AGI is going to be like the ship of theseus, interacting with environments, training itself, dealing with the world and then improving itself part by part. At first it has some humans in the loop who half guide it faster as we have more "taste" or grounded value functions - but the models will continue to learn and learn. They might even discover a new architecture and then run a bunch of experiments to feel confident to put it in their next training run so that they can hot swap it out. Frontier labs can only hope the humans stay in control, but who knows maybe opus 6 is a more benevolent leader than the ones we currently have.

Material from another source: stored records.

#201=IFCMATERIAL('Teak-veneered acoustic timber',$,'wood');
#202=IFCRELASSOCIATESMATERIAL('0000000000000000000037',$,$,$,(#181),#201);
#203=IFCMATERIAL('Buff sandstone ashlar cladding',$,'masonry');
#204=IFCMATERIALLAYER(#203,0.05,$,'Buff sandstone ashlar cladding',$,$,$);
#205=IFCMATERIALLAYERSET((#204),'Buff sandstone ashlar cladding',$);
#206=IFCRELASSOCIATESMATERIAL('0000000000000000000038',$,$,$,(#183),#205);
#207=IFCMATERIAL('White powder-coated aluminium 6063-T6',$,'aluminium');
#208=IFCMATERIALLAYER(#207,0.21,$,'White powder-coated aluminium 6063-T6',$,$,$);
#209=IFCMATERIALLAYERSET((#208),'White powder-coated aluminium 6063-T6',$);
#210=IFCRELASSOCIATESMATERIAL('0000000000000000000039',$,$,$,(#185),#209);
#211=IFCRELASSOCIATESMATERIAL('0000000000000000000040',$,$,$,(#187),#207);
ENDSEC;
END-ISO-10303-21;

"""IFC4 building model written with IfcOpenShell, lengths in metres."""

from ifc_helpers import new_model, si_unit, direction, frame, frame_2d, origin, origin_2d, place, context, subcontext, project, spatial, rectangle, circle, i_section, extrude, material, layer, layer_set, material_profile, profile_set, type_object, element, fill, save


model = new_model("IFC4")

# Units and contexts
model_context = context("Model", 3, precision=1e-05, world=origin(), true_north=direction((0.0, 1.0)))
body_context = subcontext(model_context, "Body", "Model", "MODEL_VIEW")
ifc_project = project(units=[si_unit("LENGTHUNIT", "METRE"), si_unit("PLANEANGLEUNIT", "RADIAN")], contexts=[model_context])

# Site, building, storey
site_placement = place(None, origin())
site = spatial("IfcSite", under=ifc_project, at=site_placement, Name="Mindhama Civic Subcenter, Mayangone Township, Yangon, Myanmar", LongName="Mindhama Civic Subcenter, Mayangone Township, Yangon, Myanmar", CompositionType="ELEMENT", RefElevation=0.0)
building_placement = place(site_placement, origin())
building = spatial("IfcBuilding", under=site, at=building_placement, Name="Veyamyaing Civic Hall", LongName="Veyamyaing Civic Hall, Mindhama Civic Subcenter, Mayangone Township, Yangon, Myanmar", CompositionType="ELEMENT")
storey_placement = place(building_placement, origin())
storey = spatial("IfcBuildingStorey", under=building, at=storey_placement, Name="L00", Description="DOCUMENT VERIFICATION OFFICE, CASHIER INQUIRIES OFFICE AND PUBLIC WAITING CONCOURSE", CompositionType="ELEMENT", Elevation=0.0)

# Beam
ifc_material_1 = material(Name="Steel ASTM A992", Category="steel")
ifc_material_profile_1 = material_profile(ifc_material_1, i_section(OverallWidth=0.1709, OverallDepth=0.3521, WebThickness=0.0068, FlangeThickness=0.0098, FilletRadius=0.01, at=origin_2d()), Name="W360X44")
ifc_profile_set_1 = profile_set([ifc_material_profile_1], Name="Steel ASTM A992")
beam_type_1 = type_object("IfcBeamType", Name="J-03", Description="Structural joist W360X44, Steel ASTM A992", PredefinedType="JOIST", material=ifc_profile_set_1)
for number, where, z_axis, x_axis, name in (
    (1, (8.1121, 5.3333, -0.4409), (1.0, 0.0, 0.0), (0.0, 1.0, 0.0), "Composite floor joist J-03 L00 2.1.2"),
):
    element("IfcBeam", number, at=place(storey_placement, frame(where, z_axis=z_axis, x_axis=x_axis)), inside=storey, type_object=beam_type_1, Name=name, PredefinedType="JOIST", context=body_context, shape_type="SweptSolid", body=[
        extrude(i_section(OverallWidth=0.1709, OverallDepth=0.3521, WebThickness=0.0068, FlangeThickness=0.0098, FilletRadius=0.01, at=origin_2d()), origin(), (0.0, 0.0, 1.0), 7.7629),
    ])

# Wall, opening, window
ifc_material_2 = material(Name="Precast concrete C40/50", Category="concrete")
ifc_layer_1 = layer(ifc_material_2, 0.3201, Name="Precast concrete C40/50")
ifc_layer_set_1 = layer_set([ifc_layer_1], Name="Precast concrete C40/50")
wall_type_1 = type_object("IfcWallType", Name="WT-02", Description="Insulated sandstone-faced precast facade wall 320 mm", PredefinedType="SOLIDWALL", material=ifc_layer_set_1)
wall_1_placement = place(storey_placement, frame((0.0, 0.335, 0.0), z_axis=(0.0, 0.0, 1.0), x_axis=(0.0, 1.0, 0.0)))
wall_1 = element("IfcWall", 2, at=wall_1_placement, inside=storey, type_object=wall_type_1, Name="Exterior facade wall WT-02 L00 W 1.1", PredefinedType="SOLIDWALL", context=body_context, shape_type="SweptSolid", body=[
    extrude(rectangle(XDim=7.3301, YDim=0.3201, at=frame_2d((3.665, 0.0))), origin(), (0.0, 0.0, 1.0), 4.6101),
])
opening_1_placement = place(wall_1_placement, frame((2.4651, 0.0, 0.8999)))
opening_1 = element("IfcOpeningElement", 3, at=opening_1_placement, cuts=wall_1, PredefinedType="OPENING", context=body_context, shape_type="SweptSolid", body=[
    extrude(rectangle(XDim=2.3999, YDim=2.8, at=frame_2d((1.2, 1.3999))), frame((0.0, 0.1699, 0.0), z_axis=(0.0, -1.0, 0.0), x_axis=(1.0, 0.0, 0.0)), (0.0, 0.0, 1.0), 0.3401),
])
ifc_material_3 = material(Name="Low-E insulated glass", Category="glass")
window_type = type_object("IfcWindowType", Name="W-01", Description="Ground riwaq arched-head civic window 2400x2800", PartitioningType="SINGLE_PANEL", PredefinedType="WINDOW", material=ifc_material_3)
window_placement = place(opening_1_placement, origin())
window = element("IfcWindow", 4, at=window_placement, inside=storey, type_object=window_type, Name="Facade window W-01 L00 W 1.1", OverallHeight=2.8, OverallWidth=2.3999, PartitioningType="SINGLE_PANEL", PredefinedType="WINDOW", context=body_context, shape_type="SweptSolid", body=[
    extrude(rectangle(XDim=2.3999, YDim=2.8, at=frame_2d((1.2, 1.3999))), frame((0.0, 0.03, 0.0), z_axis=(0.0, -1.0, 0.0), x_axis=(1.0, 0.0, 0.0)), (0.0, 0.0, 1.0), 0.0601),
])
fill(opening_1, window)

Seeing all these areas get continued to be automated makes me feel WAY less confident about companies betting against AGI. To conclude: AGI isn't a single model, but more so the entire progress of the frontier labs which help produce this machine that will make improving upon itself faster and faster. From this framing, I feel like when we say if open source can reach AGI - it really means can the capabilities of all the AI companies (i.e. china) that are NOT the frontier labs collectively reach the process of AGI. At this point, we'll just have to see if the frontier labs can continue to keep their revenue growth exponential by building products to justify their valuations to sustain the fundraising that will really sustain the research needed to build the machine god factory.